A particularly controversial area of surgical sterilisation programmes relates to the use of antimicrobials. Whilst it may seem intuitively sensible to administer a longer course of antibiotics to dogs sterilised in low income settings where ensuring high levels of sterility can be challenging, there are increasing concerns over antimicrobial resistance linked to inappropriate and excessive use of antibiotics. The British Small Animal Veterinary Association (BSAVA), and the Association of Shelter Veterinarians in the USA, advise against antimicrobial use in castrations and ovariohysterectomy, unless the surgery is expected to be prolonged or contaminated [20, 21, 34, 35]. In contrast, the current guidelines for animal birth control (ABC) programmes in India advise 3–5 days of broad-spectrum postoperative antibiotics [15]. Antimicrobial use has been increasing in recent years in India, and isolated studies have shown high levels of resistance in human health care settings [36]. This has stimulated a review of policies within the Indian government on antimicrobial use, including within the veterinary sector, for which the controls are currently limited. Unnecessary use of antimicrobials have other disadvantages including increasing the cost of neutering programmes, causing host microbiome disruption, and drug reactions [37]. In light of these disadvantages, the minimal use of antimicrobials would therefore be beneficial, but there is a paucity of studies which have assessed whether the guidelines from developed countries can be safely applied to low resource sterilisation clinics. In the UK setting, antimicrobials have been administered post-operatively to compensate for poor aseptic technique during surgery [38, 39]. This may also provide the foundation for their use post-operatively in low resource settings. However, this study maintained high aseptic standards under these conditions, precluding the need for additional post-operative antimicrobials. Limiting unnecessary antimicrobial use in these settings reduces costs, could improve compliance to recommended usage, and follows responsible use guidelines to prevent antimicrobial resistance.

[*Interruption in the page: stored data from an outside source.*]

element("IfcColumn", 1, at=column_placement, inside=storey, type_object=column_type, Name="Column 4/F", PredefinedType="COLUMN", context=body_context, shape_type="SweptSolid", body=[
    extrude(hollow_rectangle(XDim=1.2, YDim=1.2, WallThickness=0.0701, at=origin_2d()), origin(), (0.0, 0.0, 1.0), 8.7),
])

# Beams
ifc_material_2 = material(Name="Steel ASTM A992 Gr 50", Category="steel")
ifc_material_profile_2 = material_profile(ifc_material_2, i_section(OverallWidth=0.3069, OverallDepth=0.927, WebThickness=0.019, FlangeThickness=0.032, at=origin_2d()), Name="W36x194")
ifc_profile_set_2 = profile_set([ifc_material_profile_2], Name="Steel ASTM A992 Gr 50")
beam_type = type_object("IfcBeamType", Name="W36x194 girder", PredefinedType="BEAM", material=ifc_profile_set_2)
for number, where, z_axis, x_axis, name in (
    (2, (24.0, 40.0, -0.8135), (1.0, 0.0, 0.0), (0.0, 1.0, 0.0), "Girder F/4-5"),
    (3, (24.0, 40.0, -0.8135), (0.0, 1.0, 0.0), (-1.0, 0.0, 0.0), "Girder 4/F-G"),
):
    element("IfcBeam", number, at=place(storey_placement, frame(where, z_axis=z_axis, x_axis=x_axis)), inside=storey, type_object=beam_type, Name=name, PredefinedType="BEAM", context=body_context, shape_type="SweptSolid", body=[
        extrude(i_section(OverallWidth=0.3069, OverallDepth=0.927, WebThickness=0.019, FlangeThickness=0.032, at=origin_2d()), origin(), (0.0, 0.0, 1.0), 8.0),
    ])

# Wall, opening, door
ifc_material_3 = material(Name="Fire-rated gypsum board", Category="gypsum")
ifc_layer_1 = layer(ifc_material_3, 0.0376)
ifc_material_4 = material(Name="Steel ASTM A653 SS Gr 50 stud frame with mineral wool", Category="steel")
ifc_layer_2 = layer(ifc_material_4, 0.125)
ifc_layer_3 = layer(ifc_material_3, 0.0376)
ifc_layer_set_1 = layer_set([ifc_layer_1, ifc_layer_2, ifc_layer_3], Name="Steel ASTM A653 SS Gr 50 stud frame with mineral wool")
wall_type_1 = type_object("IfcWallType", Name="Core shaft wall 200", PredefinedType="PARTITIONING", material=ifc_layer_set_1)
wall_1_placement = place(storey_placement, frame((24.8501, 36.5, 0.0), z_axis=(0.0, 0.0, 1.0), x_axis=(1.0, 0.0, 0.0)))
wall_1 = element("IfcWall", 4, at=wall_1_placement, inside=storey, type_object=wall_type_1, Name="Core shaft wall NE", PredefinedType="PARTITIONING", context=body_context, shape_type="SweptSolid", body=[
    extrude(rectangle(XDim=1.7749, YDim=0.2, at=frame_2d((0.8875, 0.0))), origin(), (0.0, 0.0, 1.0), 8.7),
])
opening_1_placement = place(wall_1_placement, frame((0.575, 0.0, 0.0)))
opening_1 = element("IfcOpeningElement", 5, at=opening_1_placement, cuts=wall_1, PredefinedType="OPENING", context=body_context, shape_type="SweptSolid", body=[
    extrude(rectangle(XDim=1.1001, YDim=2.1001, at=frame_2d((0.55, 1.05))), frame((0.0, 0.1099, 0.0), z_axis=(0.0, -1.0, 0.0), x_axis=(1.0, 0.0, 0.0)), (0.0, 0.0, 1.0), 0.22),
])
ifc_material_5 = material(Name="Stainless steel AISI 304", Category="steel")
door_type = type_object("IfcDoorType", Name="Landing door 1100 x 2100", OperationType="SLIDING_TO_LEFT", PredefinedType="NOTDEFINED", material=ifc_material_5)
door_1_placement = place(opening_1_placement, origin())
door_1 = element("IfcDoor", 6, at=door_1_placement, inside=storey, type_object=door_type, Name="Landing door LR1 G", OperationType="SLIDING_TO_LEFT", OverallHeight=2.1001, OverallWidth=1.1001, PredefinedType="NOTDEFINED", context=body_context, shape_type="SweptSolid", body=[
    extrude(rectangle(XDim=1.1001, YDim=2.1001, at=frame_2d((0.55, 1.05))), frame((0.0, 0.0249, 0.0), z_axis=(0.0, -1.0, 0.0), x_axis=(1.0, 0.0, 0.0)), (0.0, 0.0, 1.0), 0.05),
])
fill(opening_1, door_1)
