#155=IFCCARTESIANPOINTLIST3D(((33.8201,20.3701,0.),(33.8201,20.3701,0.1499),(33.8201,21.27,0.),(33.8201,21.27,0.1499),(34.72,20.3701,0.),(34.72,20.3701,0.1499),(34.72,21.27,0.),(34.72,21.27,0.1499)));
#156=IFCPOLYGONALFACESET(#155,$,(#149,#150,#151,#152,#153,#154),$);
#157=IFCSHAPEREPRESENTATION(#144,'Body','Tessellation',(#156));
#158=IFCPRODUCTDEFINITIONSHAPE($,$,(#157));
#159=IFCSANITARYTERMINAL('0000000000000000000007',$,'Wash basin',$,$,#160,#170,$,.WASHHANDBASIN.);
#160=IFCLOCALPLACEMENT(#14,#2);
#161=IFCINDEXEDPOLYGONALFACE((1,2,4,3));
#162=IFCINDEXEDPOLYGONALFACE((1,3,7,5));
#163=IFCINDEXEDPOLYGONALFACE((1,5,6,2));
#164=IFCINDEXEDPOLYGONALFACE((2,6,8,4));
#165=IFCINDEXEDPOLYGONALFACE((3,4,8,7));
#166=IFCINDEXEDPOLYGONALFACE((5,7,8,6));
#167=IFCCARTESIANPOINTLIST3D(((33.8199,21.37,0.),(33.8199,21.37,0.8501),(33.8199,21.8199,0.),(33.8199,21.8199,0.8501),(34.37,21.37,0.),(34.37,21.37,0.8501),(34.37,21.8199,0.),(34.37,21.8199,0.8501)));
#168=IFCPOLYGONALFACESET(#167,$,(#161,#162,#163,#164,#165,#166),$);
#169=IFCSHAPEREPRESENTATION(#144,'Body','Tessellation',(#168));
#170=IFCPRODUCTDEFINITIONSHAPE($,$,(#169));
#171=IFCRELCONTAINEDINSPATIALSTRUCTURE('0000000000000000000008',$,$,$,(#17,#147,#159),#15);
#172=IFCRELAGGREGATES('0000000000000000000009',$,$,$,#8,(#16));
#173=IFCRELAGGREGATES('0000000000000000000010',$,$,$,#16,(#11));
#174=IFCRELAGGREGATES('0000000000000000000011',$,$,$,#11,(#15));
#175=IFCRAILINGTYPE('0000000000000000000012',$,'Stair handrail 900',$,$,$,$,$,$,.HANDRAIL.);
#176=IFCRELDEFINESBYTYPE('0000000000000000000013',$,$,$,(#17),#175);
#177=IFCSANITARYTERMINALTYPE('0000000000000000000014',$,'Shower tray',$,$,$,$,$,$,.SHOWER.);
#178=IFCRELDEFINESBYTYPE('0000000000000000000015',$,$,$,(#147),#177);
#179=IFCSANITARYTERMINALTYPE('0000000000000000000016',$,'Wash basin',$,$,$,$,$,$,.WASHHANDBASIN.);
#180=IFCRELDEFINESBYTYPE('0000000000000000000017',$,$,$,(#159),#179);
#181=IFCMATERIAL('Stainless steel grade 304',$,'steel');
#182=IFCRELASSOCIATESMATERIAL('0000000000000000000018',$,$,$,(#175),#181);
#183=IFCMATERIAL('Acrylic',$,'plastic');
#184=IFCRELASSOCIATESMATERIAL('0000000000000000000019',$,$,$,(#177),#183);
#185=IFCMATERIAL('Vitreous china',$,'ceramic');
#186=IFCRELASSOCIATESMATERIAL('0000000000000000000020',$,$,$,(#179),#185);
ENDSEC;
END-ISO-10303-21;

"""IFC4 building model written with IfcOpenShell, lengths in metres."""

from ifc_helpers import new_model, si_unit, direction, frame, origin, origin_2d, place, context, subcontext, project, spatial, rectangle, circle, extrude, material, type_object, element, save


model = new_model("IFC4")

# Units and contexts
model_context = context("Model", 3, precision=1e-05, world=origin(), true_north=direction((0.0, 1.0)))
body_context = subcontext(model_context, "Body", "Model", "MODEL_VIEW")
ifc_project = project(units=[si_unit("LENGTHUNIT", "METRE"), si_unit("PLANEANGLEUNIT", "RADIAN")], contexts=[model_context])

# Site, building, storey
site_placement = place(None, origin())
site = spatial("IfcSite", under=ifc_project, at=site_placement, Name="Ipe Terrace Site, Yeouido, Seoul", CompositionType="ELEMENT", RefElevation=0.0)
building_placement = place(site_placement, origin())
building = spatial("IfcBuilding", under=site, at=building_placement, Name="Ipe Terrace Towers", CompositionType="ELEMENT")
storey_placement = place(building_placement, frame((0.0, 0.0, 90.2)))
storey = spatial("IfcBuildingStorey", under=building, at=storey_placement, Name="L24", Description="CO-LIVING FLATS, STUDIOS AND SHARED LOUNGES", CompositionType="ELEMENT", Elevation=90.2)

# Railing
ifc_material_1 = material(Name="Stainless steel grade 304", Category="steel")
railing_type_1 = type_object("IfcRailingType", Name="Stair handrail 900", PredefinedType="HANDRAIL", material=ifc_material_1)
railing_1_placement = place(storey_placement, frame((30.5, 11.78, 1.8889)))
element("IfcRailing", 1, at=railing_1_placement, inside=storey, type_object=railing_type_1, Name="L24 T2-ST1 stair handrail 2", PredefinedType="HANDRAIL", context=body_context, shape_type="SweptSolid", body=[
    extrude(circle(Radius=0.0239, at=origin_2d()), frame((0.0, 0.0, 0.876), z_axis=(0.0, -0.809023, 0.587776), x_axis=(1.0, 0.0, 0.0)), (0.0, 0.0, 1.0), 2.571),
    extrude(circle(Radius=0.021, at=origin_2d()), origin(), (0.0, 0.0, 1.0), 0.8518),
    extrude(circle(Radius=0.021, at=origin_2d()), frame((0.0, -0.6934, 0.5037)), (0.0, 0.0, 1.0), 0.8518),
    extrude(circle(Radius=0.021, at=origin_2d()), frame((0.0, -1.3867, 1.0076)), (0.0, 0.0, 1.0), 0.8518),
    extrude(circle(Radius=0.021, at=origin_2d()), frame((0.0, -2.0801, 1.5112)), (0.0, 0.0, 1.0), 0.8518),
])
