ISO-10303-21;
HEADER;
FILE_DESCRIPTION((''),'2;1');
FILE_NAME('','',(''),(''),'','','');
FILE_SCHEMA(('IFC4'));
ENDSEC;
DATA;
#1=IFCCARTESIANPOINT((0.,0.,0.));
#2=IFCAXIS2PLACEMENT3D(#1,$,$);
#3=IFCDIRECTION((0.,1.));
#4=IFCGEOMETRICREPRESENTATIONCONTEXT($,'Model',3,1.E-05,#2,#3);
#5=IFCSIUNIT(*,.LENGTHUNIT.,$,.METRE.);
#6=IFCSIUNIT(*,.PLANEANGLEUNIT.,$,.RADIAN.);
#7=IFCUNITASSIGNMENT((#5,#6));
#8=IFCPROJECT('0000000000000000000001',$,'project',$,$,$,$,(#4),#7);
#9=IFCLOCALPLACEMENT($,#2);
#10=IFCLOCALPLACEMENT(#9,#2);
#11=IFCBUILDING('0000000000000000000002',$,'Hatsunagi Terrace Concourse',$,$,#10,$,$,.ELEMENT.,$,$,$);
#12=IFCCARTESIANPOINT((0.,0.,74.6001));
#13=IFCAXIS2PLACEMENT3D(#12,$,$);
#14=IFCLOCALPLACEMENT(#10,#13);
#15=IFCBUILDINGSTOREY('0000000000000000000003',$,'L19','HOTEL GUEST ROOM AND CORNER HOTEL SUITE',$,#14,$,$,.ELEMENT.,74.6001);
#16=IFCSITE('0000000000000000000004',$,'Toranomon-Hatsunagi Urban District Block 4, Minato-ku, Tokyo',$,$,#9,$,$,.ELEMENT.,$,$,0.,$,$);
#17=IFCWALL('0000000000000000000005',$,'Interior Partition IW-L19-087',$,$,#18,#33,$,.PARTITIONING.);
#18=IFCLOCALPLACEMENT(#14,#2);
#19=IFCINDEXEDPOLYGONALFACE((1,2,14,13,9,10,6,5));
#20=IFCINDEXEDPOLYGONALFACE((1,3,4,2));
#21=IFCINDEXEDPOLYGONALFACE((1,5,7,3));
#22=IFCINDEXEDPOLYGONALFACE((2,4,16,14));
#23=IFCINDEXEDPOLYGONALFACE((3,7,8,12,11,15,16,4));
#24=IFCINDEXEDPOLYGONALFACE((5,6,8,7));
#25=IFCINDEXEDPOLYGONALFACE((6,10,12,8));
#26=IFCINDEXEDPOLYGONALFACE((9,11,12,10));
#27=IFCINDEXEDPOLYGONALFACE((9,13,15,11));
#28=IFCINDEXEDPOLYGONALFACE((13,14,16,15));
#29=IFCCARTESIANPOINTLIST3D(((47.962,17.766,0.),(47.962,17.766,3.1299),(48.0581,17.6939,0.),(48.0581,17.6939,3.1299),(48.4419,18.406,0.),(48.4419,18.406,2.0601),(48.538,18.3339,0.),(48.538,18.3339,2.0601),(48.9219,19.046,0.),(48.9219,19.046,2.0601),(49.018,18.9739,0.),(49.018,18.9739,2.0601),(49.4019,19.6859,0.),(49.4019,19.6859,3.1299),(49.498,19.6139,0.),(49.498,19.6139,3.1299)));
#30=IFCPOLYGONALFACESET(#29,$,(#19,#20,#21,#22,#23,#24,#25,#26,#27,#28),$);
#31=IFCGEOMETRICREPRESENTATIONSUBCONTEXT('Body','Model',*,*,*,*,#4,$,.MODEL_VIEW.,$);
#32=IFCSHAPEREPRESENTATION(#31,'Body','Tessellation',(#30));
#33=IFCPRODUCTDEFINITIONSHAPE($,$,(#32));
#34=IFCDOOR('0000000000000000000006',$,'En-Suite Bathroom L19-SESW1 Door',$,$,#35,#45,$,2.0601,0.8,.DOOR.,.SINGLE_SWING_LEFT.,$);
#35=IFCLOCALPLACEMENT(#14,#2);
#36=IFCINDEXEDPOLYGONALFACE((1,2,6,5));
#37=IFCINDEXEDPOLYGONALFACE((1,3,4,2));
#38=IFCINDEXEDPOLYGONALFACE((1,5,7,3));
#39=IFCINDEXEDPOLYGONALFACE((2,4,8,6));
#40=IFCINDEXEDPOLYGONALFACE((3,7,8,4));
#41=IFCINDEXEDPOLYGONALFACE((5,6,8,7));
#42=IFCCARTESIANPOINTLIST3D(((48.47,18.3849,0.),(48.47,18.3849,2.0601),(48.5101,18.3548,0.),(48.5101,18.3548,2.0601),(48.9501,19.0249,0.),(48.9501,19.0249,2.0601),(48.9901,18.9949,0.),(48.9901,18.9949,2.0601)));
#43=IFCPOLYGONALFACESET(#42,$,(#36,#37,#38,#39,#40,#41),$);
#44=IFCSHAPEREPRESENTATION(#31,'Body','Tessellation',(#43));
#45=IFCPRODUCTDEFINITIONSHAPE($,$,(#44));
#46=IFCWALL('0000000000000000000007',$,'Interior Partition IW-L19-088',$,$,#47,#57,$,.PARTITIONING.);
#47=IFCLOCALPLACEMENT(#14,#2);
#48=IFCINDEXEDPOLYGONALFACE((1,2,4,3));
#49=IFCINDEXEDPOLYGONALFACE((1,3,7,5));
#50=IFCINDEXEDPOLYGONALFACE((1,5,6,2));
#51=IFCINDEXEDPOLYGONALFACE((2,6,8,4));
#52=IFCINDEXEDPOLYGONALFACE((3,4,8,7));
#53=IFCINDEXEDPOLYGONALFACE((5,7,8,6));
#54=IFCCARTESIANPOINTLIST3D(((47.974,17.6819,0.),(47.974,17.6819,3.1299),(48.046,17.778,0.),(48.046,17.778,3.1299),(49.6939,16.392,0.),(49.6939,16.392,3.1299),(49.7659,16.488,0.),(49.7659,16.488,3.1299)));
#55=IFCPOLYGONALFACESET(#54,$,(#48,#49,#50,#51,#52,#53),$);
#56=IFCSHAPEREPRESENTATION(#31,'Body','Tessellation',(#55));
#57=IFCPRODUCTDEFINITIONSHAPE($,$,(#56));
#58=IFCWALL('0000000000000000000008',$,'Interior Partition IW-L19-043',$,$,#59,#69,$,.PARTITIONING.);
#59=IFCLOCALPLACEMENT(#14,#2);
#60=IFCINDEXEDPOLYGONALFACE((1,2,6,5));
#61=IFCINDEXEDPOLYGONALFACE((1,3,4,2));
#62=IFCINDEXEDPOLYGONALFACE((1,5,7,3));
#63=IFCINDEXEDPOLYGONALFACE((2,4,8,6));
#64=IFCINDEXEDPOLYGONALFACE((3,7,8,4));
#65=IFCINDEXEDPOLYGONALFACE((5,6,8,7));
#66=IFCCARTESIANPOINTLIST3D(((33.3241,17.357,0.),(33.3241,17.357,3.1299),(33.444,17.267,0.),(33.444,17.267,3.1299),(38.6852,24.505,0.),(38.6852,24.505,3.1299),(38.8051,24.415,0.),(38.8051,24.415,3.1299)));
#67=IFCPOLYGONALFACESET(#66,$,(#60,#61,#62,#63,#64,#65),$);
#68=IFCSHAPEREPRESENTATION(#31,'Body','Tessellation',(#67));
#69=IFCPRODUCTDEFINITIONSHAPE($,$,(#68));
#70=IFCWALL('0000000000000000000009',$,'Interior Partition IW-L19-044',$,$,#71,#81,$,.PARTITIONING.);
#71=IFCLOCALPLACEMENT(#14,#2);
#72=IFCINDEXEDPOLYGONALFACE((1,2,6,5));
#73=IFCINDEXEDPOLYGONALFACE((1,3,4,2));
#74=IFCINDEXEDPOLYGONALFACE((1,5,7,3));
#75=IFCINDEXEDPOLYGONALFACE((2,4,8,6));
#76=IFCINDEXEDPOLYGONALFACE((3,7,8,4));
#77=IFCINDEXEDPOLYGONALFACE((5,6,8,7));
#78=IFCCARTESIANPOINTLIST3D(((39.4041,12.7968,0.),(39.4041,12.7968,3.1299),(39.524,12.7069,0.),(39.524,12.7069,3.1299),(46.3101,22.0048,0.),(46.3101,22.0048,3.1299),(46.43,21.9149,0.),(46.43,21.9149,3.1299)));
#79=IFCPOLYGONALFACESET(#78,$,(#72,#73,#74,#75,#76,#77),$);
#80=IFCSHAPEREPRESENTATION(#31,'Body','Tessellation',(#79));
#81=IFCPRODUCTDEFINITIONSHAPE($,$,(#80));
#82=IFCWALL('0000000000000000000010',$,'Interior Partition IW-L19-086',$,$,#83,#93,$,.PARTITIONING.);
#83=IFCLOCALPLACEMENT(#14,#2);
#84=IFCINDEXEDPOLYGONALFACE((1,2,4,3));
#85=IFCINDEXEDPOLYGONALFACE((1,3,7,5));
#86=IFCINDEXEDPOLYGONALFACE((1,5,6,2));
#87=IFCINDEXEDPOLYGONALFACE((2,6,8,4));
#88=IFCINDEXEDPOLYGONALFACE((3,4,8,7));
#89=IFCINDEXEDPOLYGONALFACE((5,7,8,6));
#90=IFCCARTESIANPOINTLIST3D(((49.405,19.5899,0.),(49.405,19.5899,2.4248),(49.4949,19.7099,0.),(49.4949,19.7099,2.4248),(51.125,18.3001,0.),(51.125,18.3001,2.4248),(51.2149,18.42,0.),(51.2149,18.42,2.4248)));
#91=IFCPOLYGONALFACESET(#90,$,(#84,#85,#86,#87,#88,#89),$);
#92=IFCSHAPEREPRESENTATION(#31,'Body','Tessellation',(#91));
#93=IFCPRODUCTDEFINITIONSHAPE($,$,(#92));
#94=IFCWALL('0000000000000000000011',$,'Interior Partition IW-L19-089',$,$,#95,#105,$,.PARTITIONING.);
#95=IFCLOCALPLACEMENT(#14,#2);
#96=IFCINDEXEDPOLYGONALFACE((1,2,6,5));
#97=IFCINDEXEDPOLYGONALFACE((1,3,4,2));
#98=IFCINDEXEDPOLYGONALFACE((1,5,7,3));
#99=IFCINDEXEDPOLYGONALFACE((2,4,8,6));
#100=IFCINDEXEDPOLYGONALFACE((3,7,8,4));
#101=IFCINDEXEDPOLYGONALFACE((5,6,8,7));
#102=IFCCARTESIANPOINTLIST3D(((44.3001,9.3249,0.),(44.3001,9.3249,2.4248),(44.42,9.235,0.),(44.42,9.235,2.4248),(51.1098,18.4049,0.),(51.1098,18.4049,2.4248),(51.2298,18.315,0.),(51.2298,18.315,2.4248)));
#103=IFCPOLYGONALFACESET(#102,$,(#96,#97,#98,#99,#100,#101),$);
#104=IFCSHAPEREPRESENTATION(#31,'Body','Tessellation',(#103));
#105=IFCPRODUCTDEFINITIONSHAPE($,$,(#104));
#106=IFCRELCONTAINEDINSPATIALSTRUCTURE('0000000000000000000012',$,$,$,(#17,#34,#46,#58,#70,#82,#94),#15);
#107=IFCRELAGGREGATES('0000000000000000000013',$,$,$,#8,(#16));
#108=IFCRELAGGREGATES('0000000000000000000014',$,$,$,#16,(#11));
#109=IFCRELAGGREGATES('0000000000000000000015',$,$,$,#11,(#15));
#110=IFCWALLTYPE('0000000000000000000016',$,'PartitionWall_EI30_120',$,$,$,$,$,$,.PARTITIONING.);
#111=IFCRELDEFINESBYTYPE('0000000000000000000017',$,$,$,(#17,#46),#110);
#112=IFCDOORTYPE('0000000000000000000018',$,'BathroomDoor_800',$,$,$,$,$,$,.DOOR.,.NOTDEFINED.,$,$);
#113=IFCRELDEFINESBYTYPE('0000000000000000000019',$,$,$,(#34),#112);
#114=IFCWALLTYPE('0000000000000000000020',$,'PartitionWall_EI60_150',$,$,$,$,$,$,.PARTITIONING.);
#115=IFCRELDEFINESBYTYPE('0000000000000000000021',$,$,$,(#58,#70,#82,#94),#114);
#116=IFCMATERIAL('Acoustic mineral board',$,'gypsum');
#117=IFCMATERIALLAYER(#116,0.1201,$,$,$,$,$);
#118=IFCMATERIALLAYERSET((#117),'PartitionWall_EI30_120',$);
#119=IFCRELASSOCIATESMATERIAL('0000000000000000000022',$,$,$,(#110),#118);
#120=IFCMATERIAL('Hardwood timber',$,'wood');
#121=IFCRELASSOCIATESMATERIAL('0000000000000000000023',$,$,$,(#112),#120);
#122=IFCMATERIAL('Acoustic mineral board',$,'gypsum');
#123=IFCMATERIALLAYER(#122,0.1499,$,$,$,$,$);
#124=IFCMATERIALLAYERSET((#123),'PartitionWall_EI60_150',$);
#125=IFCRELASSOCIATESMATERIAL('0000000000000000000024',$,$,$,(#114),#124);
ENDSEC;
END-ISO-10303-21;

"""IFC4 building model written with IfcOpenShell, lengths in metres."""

from ifc_helpers import new_model, si_unit, direction, frame, frame_2d, origin, place, context, subcontext, project, spatial, rectangle, extrude, material, layer, layer_set, type_object, element, fill, save


model = new_model("IFC4")

# Units and contexts
model_context = context("Model", 3, precision=1e-05, world=origin(), true_north=direction((0.0, 1.0)))
body_context = subcontext(model_context, "Body", "Model", "MODEL_VIEW")
ifc_project = project(units=[si_unit("LENGTHUNIT", "METRE"), si_unit("PLANEANGLEUNIT", "RADIAN")], contexts=[model_context])

# Site, building, storey
site_placement = place(None, origin())
site = spatial("IfcSite", under=ifc_project, at=site_placement, Name="Toranomon-Hatsunagi Urban District Block 4, Minato-ku, Tokyo", CompositionType="ELEMENT", RefElevation=0.0)
building_placement = place(site_placement, origin())
building = spatial("IfcBuilding", under=site, at=building_placement, Name="Hatsunagi Terrace Concourse", CompositionType="ELEMENT")
storey_placement = place(building_placement, frame((0.0, 0.0, 74.6001)))
storey = spatial("IfcBuildingStorey", under=building, at=storey_placement, Name="L19", Description="HOTEL GUEST ROOM AND CORNER HOTEL SUITE", CompositionType="ELEMENT", Elevation=74.6001)

# Wall, opening, door
ifc_material_1 = material(Name="Acoustic mineral board", Category="gypsum")
ifc_layer_1 = layer(ifc_material_1, 0.1201)
ifc_layer_set_1 = layer_set([ifc_layer_1], Name="PartitionWall_EI30_120")
wall_type_1 = type_object("IfcWallType", Name="PartitionWall_EI30_120", PredefinedType="PARTITIONING", material=ifc_layer_set_1)
wall_1_placement = place(storey_placement, frame((48.01, 17.73, 0.0), z_axis=(0.0, 0.0, 1.0), x_axis=(0.6, 0.8, 0.0)))
wall_1 = element("IfcWall", 1, at=wall_1_placement, inside=storey, type_object=wall_type_1, Name="Interior Partition IW-L19-087", PredefinedType="PARTITIONING", context=body_context, shape_type="SweptSolid", body=[
    extrude(rectangle(XDim=2.3999, YDim=0.1201, at=frame_2d((1.2, 0.0))), origin(), (0.0, 0.0, 1.0), 3.1299),
])
opening_1_placement = place(wall_1_placement, frame((0.8, 0.0, 0.0)))
opening_1 = element("IfcOpeningElement", 2, at=opening_1_placement, cuts=wall_1, PredefinedType="OPENING", context=body_context, shape_type="SweptSolid", body=[
    extrude(rectangle(XDim=0.8, YDim=2.0601, at=frame_2d((0.3999, 1.03))), frame((0.0, 0.0701, 0.0), z_axis=(0.0, -1.0, 0.0), x_axis=(1.0, 0.0, 0.0)), (0.0, 0.0, 1.0), 0.1401),
])
ifc_material_2 = material(Name="Hardwood timber", Category="wood")
door_type_1 = type_object("IfcDoorType", Name="BathroomDoor_800", OperationType="NOTDEFINED", PredefinedType="DOOR", material=ifc_material_2)
door_1_placement = place(opening_1_placement, origin())
door_1 = element("IfcDoor", 3, at=door_1_placement, inside=storey, type_object=door_type_1, Name="En-Suite Bathroom L19-SESW1 Door", OperationType="SINGLE_SWING_LEFT", OverallHeight=2.0601, OverallWidth=0.8, PredefinedType="DOOR", context=body_context, shape_type="SweptSolid", body=[
    extrude(rectangle(XDim=0.8, YDim=2.0601, at=frame_2d((0.3999, 1.03))), frame((0.0, 0.0249, 0.0), z_axis=(0.0, -1.0, 0.0), x_axis=(1.0, 0.0, 0.0)), (0.0, 0.0, 1.0), 0.05),
])
fill(opening_1, door_1)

In this study, a wound scoring system was used as an objective measure of wound appearance to gauge whether animals were ready for release. The majority of animals, had evidence of acceptable wound healing within 2 days post-surgery. Cases showed a higher proportion of wounds scores > 1 and pain scores > 0, but a higher score did not necessarily imply that an intervention was needed. The scoring may be a helpful tool in assessing whether an animal should be released or requires monitoring, and needs further validation. In this setting, the wound scoring does provide a documented check of each individual animal, necessary when a large volume of patients are seen by a team of veterinarians, ensuring good practice in follow-up care.

This study showed low postoperative pain scores in the majority of animals, with no animals showing severe pain. Poor pain management can contribute to delays in wound healing [40] or result in self-inflicted trauma which also delays healing [14]. The generally accepted multimodal, pre-emptive analgesic approach [41] used in this study may contribute to the good post-operative recovery seen and is an essential factor to consider in sterilisation clinic protocols.

Conclusions

This study demonstrated that high volume, low-resource sterilisation of dogs can be performed with a low incidence of surgical complications and low mortality. Importantly, we have shown that this can be achieved without the administration of postoperative antibiotics, provided high aseptic and surgical standards are followed and individual assessment takes place for antimicrobial and monitoring requirements with longer hospitalisation as needed, without compromising the welfare of the patients.